Pro Behandlung werden ca. 5-10 ml des Lokalanästhetikums, oder eines anderen, für die Neuraltherapie geeigneten Medikaments, gespritzt. Je nach Krankheitsbild und Ort der Beschwerden wird das Präparat meistens auf mehrere Einstichstellen verteilt. In einigen Fällen reicht bereits eine einzige Behandlung aus, häufig sind jedoch 5-10 Behandlungen sinnvoll, um einen dauerhaften Erfolg zu erzielen.

 

Die Neuralterapie kann beispielsweise bei folgenden Anwendunge/Indikationen eingesetzt werden:

  • Arthrose
  • Chondropathia patellae (Knorpeldegeneration der Kniescheibe)
  • Colitis ulcerosa (Darmentzündung)
  • Epikondylitis (Entzündung des Ellenbogengelenks)
  • Fettleber
  • Gicht
  • Gefäßerkrankungen (z.

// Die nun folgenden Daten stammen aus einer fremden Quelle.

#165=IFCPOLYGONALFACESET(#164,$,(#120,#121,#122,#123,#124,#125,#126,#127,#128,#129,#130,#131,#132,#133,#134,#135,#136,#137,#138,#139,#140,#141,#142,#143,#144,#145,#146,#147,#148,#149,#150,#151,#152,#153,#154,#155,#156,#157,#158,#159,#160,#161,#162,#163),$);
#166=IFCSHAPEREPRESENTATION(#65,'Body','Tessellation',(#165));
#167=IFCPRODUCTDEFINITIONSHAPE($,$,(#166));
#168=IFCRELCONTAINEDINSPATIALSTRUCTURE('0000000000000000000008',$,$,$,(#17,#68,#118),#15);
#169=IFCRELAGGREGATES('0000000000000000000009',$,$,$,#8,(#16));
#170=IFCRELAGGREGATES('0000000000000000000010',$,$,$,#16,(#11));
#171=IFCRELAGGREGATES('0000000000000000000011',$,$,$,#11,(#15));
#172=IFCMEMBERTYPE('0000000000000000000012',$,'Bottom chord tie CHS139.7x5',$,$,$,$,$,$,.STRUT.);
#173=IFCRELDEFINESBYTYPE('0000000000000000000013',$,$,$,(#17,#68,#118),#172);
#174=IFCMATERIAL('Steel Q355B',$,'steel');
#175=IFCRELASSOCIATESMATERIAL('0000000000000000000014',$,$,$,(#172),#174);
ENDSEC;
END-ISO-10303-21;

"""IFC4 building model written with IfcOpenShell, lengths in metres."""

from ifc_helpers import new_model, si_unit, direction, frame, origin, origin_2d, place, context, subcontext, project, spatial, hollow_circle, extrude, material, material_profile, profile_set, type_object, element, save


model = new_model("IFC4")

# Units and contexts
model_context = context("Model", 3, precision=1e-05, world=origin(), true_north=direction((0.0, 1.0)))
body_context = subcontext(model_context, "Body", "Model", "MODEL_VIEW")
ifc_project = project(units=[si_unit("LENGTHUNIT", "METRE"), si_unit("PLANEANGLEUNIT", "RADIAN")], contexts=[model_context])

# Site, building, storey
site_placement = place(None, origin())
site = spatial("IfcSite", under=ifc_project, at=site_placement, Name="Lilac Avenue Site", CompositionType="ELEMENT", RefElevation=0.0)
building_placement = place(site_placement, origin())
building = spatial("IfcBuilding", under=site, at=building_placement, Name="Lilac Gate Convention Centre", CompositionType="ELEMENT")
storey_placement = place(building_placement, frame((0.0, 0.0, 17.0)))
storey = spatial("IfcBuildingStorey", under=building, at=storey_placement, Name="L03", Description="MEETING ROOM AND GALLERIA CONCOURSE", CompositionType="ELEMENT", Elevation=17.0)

B. Krampfaderleiden, chronisch venöse Insuffizienz)
  • Harnwegsinfekte
  • Gallensteine
  • Karpaltunnelsyndrom (Handwurzelschmerz durch Nervenkompression)
  • Kopfschmerz
  • Kollagenosen (systemisch-entzündliche Bindegewebserkrankungen)
  • Lebererkrankungen
  • Lumbago („Hexenschuss“)
  • Lymphödem
  • Migräne
  • Morbus Bechterew (entzündlich-rheumatische Erkrankung)
  • Morbus Menière (Drehschwindel mit Schwerhörigkeit und Ohrgeräuschen)
  • Morbus Scheuermann (Wirbelkörperreifestörung)
  • Morbus Sudeck (Folgeerkrankung gelenknaher Knochenbrüche)
  • Neuralgien
  • Osteoporose
  • Postherpetische Neuralgie (Schmerzsyndrom nach Herpes Zoster)
  • Rheumatoide Arthritis
  • Rhinitis (Schnupfen)
  • Roemheld-Syndrom (Herzbeschwerden aufgrund eines überblähten Magens)
  • Schulter-Arm-Syndrom
  • Sinusitis (Nasennebenhöhlenentzündung)
  • Tendopathien (Erkrankungen der Sehnen)
  • Traumata (z. B. Knochen-, Muskel- oder Bänderverletzungen)
  • Trigeminusneuralgie (Entzündung eines Gesichtsnervs)
  • Ulcus cruris („offenes Bein“)
  • Urolithiasis (Nierensteine)

 

Gegenanzeigen/Kontraindikationen

Die Neuraltherapie darf nicht angewendet werden bei schweren Infektionskrankheiten, immunologischen Erkrankungen, bestimmten Allergien (vor allem gegen das Lokalanästhetikum!), akuten Entzündungen des betreffenden Hautareals oder Blutgerinnungsstörungen. Patienten mit sehr niedrigem Blutdruck oder Kollapsneigung sollten darüber im Vorfeld mit ihrem behandelnden Heilpraktiker sprechen.

 

Nebenwirkungen und Risiken

Es besteht das potenzielle Risiko eines anaphylaktischen Schocks (lebensbedrohliche allergische Reaktion).
Bei sachgerechter Anwendung sind mögliche Nebenwirkungen (z. B. Irritationen von Nerven, Gefäßen oder Organen durch die Injektionsnadel) selten. Es kann jedoch zu einer minimalen Blutung, einem kleinen Hämatom (“blauer Fleck“) an der Einstichstelle oder zu einem „Muskelkater-Gefühl“ im Bereich der Injektionen kommen.